Across the board, the culturable bacteria of compost samples showed less diverse phyla than those of casing and mushroom samples. Bacteria in casing samples were more diverse than those in mushroom samples. Bacteria isolated from compost samples were members of two phyla (Actinobacteria and Proteobacteria), while those from casing samples were members of four phyla, Actinobacteria, Proteobacteria, Firmicutes, and Bacteroidetes. Bacteria from mushroom samples were members of the three phyla, Actinobacteria, Proteobacteria, and Bacteroidetes. In all compost, casing and mushroom samples, the phylum Proteobacteria was the most prevalent (Table 1). All fungal cultures isolated belonged to the phylum Ascomycota and the three classes Pezizomycetes, Sordariomycetes and Eurotiomycetes. From the class Eurotiomycetes, the genus Penicillium of the family Trichocomaceae was prevalent in compost, casing and mushroom samples (Table 2). More detailed BLAST results of bacterial and fungal nucleotide sequences are shown in Online Resource 2.
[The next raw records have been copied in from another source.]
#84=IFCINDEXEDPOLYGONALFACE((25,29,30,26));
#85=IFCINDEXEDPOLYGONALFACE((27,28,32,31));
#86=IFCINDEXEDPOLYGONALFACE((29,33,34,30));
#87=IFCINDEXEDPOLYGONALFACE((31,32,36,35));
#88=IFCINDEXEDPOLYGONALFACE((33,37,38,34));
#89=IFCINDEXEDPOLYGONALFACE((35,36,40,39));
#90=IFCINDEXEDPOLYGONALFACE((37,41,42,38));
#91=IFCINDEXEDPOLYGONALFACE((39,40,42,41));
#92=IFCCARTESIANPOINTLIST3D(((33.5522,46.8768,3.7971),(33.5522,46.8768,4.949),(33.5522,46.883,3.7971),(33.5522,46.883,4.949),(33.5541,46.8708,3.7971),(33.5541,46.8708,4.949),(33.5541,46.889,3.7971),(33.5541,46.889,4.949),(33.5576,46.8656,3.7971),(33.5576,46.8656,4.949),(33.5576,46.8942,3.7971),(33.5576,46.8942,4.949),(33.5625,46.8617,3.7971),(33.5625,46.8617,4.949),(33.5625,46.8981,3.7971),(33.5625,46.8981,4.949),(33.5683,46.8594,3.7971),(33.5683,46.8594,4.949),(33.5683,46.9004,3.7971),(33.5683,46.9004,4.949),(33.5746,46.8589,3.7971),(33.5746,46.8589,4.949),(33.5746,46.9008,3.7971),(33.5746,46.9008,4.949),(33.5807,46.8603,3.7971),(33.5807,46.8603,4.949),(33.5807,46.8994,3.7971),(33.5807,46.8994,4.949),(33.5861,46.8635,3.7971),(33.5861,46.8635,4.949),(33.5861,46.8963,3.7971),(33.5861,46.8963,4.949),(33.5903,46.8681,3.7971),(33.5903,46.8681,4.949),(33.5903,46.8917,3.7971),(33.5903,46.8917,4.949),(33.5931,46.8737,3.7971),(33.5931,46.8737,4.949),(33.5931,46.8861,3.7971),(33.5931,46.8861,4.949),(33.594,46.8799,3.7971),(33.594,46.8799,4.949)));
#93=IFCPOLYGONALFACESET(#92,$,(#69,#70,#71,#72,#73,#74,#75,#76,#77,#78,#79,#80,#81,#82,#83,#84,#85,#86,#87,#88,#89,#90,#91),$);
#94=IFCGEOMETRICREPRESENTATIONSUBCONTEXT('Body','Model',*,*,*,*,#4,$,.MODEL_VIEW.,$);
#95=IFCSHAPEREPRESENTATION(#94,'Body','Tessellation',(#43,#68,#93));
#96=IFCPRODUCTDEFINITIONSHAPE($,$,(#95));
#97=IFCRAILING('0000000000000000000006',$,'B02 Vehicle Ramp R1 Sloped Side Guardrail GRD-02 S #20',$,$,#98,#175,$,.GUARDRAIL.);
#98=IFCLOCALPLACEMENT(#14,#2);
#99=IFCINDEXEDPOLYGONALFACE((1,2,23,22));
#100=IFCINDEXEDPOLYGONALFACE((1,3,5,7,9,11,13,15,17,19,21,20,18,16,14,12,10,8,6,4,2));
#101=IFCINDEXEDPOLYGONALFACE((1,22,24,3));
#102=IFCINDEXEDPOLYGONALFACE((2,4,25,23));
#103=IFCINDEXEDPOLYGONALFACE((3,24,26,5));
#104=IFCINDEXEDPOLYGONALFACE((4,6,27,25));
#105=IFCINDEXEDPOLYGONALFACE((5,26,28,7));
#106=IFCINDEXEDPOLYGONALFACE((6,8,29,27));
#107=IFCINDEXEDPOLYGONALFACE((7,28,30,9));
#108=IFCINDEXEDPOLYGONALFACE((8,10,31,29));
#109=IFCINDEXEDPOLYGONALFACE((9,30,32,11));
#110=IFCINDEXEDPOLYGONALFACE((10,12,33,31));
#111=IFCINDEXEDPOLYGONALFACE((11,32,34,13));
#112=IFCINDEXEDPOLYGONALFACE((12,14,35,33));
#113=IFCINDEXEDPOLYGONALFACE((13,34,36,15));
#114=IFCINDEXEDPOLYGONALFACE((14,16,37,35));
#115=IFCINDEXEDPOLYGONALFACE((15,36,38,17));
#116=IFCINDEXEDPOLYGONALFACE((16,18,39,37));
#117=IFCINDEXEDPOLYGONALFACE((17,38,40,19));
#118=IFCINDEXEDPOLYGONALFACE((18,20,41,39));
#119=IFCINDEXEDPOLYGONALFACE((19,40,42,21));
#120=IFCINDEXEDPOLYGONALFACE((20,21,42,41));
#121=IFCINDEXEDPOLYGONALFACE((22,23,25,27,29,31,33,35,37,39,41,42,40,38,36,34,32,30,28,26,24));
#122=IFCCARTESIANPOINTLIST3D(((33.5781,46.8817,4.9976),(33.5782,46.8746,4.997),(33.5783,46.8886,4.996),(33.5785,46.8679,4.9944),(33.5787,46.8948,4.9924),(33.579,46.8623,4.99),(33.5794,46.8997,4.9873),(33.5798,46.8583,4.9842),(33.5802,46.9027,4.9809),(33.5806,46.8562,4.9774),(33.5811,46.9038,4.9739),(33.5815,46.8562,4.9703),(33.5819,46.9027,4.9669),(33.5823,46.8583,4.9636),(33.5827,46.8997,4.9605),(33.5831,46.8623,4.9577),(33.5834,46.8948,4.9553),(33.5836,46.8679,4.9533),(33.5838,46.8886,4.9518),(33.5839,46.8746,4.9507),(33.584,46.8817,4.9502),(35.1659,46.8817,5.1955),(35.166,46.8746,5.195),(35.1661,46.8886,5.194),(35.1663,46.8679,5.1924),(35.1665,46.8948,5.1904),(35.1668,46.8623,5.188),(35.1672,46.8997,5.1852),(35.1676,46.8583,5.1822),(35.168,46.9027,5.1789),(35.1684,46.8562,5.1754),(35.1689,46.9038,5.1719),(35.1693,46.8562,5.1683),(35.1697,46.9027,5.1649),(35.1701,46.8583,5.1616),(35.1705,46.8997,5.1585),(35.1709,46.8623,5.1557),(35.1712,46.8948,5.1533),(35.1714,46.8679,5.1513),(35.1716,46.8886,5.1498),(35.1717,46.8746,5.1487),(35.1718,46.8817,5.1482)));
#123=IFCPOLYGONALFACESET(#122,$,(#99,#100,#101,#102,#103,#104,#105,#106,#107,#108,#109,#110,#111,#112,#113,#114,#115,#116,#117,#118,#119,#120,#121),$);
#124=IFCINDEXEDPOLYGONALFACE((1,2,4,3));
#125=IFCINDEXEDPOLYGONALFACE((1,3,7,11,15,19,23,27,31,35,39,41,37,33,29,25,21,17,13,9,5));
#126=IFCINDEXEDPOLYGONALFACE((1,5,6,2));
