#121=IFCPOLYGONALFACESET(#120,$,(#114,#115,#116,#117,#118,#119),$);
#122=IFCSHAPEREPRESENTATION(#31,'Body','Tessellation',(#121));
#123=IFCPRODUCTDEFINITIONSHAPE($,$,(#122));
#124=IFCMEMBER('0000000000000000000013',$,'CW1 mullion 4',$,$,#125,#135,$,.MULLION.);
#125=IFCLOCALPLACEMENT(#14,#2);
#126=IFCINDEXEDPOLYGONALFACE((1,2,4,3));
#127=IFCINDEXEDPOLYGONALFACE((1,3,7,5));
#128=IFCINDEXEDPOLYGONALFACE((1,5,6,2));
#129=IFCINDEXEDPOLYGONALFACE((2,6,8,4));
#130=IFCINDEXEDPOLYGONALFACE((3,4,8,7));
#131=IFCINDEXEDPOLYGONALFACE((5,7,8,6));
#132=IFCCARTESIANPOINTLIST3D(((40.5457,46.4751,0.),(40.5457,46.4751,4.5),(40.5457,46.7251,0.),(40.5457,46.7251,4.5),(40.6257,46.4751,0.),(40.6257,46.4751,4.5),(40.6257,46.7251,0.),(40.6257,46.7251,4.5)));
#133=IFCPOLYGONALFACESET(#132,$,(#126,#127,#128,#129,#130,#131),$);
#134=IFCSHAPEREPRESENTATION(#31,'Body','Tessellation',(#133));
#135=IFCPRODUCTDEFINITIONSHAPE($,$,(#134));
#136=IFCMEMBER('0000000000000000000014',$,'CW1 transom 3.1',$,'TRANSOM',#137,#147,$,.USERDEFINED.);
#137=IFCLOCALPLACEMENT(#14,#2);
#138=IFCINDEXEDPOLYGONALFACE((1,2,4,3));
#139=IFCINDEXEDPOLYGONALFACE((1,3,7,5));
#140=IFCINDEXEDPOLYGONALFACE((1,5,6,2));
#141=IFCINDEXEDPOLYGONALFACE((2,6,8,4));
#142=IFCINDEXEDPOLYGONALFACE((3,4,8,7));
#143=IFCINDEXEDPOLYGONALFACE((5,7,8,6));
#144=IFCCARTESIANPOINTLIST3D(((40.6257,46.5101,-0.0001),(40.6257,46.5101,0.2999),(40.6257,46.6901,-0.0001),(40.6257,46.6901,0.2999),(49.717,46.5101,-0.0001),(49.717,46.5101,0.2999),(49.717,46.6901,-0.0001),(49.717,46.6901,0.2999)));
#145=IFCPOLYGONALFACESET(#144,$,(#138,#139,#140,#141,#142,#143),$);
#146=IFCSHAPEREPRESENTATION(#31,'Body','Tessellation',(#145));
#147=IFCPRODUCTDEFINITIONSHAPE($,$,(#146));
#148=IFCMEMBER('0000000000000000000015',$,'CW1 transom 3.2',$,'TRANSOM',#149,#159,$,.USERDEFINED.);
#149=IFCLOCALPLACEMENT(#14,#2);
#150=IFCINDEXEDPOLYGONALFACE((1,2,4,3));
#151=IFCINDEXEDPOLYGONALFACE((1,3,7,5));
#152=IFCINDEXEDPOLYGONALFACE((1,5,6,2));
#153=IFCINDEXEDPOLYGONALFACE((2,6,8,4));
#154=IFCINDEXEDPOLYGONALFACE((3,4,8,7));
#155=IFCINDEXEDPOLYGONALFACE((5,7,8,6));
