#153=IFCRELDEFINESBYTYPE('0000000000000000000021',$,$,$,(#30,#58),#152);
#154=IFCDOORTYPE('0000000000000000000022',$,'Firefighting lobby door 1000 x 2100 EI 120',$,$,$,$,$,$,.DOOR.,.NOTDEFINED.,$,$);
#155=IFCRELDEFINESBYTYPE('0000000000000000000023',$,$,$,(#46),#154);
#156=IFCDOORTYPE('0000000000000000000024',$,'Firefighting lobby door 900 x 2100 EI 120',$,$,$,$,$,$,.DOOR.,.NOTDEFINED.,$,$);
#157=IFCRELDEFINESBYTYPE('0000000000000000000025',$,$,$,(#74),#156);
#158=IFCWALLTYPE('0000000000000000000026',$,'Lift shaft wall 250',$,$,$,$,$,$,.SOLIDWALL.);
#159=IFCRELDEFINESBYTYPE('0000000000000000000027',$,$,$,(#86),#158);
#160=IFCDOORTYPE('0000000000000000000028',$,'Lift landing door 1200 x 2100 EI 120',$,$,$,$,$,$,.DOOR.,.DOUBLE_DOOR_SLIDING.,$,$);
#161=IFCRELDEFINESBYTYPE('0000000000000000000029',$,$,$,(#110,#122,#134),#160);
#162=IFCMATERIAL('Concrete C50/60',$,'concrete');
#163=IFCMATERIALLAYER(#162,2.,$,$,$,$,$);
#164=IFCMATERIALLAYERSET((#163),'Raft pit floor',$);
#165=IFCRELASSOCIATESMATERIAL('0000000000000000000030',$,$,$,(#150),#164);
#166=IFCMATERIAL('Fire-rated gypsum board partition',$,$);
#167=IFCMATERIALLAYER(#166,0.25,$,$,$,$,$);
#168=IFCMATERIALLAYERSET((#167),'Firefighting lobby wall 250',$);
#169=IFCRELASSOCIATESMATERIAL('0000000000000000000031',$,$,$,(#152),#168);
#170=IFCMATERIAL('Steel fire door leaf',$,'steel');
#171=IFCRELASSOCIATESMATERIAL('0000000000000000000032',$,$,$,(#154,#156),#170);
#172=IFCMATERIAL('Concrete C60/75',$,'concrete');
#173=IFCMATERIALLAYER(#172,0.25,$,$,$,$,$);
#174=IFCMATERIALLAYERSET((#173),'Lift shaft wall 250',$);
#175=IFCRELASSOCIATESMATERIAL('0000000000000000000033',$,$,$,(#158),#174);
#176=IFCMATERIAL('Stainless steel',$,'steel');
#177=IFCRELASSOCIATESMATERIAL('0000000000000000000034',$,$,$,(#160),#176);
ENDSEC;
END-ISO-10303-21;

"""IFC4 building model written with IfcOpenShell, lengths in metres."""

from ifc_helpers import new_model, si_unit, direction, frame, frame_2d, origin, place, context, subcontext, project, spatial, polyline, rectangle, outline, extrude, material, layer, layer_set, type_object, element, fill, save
Table 1 Identification of bacteria isolated from compost, casing and mushrooms using DNA sequencing and tentative BLAST
Table 2 Identification of fungi and yeasts isolated from compost, casing and mushrooms using DNA sequencing and tentative BLAST. C Compost, Cs casing, M mushroom

All bacterial DNA sequences of dominant DGGE gel bands matched with four phyla, viz. Bacteroidetes, Firmicutes, Actinobacteria and Proteobacteria. Members of the first three phyla were extracted predominantly from compost samples while the last phylum, Proteobacteria, originated mostly from casing and mushroom samples. Of the three classes in this phylum, namely Betaproteobacteria, Alphaproteobacteria and Gammaproteobacteria, the latter was the most prevalent. The genus Pseudomonas of the family Pseudomonadaceae and order Pseudomonadales was the most dominant in mushroom samples (Table 3).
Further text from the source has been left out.